Gefitinib in Selected Patients with Pre-Treated Non-Small-Cell Lung Cancer: Results from a Phase IV, Multicenter, Non-Randomized Study (SELINE).
10.4046/trd.2012.73.6.303
- Author:
Kwan Ho LEE
1
;
Kye Young LEE
;
Young June JEON
;
Maan Hong JUNG
;
Choonhee SON
;
Min Ki LEE
;
Jeong Seon RYU
;
Sei Hoon YANG
;
Jae Cheol LEE
;
Young Chul KIM
;
Sun Young KIM
Author Information
1. Department of Internal Medicine, Yeungnam University Medical Center, Yeungnam University College of Medicine, Daegu, Korea. ghlee@med.yu.ac.kr
- Publication Type:Multicenter Study ; Original Article
- Keywords:
Gefitinib;
Receptor, Epidermal Growth Factor;
Mutation;
Carcinoma, Non-Small-Cell Lung;
Disease-Free Survival
- MeSH:
Adenocarcinoma;
Carcinoma, Non-Small-Cell Lung;
Cough;
Diarrhea;
Disease-Free Survival;
Exanthema;
Female;
Humans;
Lung;
Lung Neoplasms;
Pruritus;
Quinazolines;
Receptor, Epidermal Growth Factor
- From:Tuberculosis and Respiratory Diseases
2012;73(6):303-311
- CountryRepublic of Korea
- Language:English
-
Abstract:
BACKGROUND: This study was designed to analyze the efficacy of gefitinib as a second-line therapy, according to the clinical characteristics in Korean patients with non-small-cell lung cancer (NSCLC).

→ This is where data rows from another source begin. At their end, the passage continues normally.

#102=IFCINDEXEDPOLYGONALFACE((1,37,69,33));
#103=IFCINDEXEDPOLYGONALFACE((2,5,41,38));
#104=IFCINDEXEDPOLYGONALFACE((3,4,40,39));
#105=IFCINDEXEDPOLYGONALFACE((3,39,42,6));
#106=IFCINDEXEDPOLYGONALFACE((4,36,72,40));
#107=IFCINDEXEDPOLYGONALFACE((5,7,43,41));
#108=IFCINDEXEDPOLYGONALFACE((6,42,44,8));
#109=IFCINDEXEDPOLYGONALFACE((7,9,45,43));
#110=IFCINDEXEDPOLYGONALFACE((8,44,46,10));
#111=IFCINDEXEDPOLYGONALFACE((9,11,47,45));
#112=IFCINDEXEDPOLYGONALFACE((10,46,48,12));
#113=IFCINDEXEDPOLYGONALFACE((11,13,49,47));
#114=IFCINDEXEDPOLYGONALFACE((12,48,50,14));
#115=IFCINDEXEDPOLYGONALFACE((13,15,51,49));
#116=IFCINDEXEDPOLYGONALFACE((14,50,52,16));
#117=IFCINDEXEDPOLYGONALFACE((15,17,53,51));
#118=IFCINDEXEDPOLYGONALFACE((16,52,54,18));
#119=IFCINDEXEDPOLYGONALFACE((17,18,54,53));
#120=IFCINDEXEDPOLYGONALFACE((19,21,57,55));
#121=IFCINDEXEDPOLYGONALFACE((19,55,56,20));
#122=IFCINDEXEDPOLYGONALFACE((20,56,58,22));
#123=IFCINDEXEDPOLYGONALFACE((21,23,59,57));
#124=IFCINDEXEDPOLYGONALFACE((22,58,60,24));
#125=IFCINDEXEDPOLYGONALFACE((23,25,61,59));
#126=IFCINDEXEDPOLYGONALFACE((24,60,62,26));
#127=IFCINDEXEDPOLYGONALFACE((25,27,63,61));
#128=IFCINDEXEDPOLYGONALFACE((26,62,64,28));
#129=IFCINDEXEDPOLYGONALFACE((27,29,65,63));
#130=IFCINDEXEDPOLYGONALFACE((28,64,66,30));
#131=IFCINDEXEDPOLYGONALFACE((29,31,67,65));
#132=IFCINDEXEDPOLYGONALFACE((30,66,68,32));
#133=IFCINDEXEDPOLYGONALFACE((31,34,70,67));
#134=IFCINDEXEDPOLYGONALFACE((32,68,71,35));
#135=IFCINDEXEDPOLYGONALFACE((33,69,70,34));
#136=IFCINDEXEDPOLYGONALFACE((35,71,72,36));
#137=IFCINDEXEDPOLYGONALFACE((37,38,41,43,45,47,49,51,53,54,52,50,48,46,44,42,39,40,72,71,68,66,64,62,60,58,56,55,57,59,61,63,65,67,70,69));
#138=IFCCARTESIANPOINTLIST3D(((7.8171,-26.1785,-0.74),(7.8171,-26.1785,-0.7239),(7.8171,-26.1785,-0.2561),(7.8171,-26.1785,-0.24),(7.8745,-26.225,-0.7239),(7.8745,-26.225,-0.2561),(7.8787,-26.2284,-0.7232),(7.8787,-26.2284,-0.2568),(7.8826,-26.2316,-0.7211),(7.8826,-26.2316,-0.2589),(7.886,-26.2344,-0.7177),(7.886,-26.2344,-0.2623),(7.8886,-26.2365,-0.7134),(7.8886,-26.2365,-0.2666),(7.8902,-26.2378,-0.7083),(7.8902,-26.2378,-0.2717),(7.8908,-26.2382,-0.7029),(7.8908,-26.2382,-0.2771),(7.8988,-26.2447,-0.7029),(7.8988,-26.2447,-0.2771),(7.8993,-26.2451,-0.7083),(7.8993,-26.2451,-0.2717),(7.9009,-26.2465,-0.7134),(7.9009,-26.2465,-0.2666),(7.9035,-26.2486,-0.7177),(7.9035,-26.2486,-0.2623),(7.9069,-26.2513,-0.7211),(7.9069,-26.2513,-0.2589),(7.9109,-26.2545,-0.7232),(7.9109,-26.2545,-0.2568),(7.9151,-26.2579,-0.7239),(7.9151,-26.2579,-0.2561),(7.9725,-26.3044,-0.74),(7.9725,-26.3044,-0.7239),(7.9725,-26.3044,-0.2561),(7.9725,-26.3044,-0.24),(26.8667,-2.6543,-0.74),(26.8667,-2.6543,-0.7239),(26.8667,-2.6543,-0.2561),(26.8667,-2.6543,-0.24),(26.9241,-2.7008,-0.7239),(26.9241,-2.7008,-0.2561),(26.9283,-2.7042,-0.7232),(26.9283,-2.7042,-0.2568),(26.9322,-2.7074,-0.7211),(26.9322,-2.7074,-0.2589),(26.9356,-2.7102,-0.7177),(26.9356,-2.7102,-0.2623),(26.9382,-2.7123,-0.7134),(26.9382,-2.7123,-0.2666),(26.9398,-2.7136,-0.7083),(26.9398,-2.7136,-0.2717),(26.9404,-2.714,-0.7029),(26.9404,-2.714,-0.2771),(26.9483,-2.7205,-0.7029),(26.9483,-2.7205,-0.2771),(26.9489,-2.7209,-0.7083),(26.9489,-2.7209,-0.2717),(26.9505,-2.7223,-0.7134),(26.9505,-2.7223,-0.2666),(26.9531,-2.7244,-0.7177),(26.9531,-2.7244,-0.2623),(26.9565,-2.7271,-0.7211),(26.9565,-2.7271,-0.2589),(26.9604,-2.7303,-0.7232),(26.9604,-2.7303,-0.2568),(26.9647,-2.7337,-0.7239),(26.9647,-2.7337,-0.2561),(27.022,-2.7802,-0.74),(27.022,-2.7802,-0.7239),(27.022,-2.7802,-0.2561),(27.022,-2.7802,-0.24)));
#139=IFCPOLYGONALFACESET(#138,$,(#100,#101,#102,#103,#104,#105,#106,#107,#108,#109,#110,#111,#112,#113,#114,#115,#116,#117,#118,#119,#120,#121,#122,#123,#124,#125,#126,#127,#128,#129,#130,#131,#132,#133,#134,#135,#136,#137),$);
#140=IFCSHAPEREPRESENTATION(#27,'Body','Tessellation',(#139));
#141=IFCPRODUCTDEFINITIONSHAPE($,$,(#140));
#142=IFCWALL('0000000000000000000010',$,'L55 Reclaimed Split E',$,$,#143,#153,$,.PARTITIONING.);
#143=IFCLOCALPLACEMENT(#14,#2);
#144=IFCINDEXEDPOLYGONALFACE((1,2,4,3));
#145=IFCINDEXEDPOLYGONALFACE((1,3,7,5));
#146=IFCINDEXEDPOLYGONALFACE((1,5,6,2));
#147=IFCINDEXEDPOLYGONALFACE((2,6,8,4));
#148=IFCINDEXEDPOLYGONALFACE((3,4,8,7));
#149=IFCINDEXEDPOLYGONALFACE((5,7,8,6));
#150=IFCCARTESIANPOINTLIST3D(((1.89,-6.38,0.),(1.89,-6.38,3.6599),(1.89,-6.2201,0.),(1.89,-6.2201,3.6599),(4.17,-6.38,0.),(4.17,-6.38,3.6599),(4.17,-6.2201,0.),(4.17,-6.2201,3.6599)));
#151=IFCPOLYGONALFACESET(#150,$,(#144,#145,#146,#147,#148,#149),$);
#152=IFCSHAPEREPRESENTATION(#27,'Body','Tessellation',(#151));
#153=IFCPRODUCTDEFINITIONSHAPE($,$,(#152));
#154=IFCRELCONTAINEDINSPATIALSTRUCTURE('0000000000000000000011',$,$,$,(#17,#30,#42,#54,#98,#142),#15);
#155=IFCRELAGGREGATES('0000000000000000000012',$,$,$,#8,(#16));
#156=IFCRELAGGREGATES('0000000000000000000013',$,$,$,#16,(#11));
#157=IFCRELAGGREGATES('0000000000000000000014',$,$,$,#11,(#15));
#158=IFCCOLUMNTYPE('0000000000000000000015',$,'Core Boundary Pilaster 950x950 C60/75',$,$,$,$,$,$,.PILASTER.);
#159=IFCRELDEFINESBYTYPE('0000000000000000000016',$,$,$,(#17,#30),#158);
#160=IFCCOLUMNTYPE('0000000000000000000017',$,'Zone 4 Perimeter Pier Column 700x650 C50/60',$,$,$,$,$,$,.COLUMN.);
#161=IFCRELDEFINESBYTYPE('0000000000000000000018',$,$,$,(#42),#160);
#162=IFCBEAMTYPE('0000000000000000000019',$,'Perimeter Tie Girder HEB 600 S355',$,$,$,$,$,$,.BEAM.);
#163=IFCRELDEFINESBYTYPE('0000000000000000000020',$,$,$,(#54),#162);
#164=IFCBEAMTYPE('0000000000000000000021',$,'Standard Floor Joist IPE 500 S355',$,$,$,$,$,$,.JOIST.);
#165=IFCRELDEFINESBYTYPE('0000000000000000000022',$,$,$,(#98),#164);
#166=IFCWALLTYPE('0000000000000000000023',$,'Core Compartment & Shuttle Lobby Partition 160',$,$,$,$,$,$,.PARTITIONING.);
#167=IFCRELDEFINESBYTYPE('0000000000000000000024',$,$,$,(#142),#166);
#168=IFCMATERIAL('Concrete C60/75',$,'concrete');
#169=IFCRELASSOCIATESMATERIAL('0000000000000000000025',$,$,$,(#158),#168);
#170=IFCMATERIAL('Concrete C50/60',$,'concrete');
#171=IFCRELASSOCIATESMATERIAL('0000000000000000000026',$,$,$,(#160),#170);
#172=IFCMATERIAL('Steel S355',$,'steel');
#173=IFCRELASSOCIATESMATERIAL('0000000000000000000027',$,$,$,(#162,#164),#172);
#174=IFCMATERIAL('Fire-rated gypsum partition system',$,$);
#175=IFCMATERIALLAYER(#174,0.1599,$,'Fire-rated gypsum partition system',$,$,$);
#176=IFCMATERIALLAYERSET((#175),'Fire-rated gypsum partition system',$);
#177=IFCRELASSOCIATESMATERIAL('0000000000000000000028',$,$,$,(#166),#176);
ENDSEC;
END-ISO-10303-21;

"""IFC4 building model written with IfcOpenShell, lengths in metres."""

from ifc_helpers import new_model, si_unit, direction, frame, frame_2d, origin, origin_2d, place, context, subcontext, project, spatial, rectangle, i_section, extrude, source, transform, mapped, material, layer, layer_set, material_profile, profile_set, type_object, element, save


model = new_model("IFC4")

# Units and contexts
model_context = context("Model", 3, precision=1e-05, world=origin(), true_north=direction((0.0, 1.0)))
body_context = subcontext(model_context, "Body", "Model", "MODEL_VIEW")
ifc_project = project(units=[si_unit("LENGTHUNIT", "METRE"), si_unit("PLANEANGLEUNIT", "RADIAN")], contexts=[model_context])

METHODS: In this Phase IV observational study, we recruited patients, previously failed first-line chemotherapy, who had locally advanced or metastatic NSCLC, and who were found to be either epidermal growth factor receptor (EGFR) mutation-positive or satisfied 2 or more of the 3 characteristics: adenocarcinoma, female, and non-smoker. These patients were administered with gefitinib 250 mg/day, orally. The primary endpoints were to evaluate the objective response rate (ORR) and to determine the relationship of ORRs, depending on each patient's characteristics of modified intent-to-treat population. RESULTS: A total of 138 patients participated in this study. One subject achieved complete response, and 42 subjects achieved partial response (ORR, 31.2%). The subgroup analysis demonstrated that the ORR was significantly higher in patients with EGFR mutation-positive, compared to that of EGFR mutation-negative (45.8% vs. 14.0%, p=0.0004). In a secondary efficacy variable, the median progression-free survival (PFS) was 5.7 months (95% confidence interval, 3.9~8.4 months) and the 6-month PFS and overall survival were 49.6% and 87.9%, respectively. The most common reported adverse events were rash (34.4%), diarrhea (26.6%), pruritus (17.5%), and cough (15.6%). CONCLUSION: Gefitinib was observed in anti-tumor activity with favorable tolerability profile as a second-line therapy in these selected patients. When looking at EGFR mutation status, EGFR mutation-positive showed strong association with gefitinib by greater response and prolonged PFS, compared with that of EGFR mutation-negative.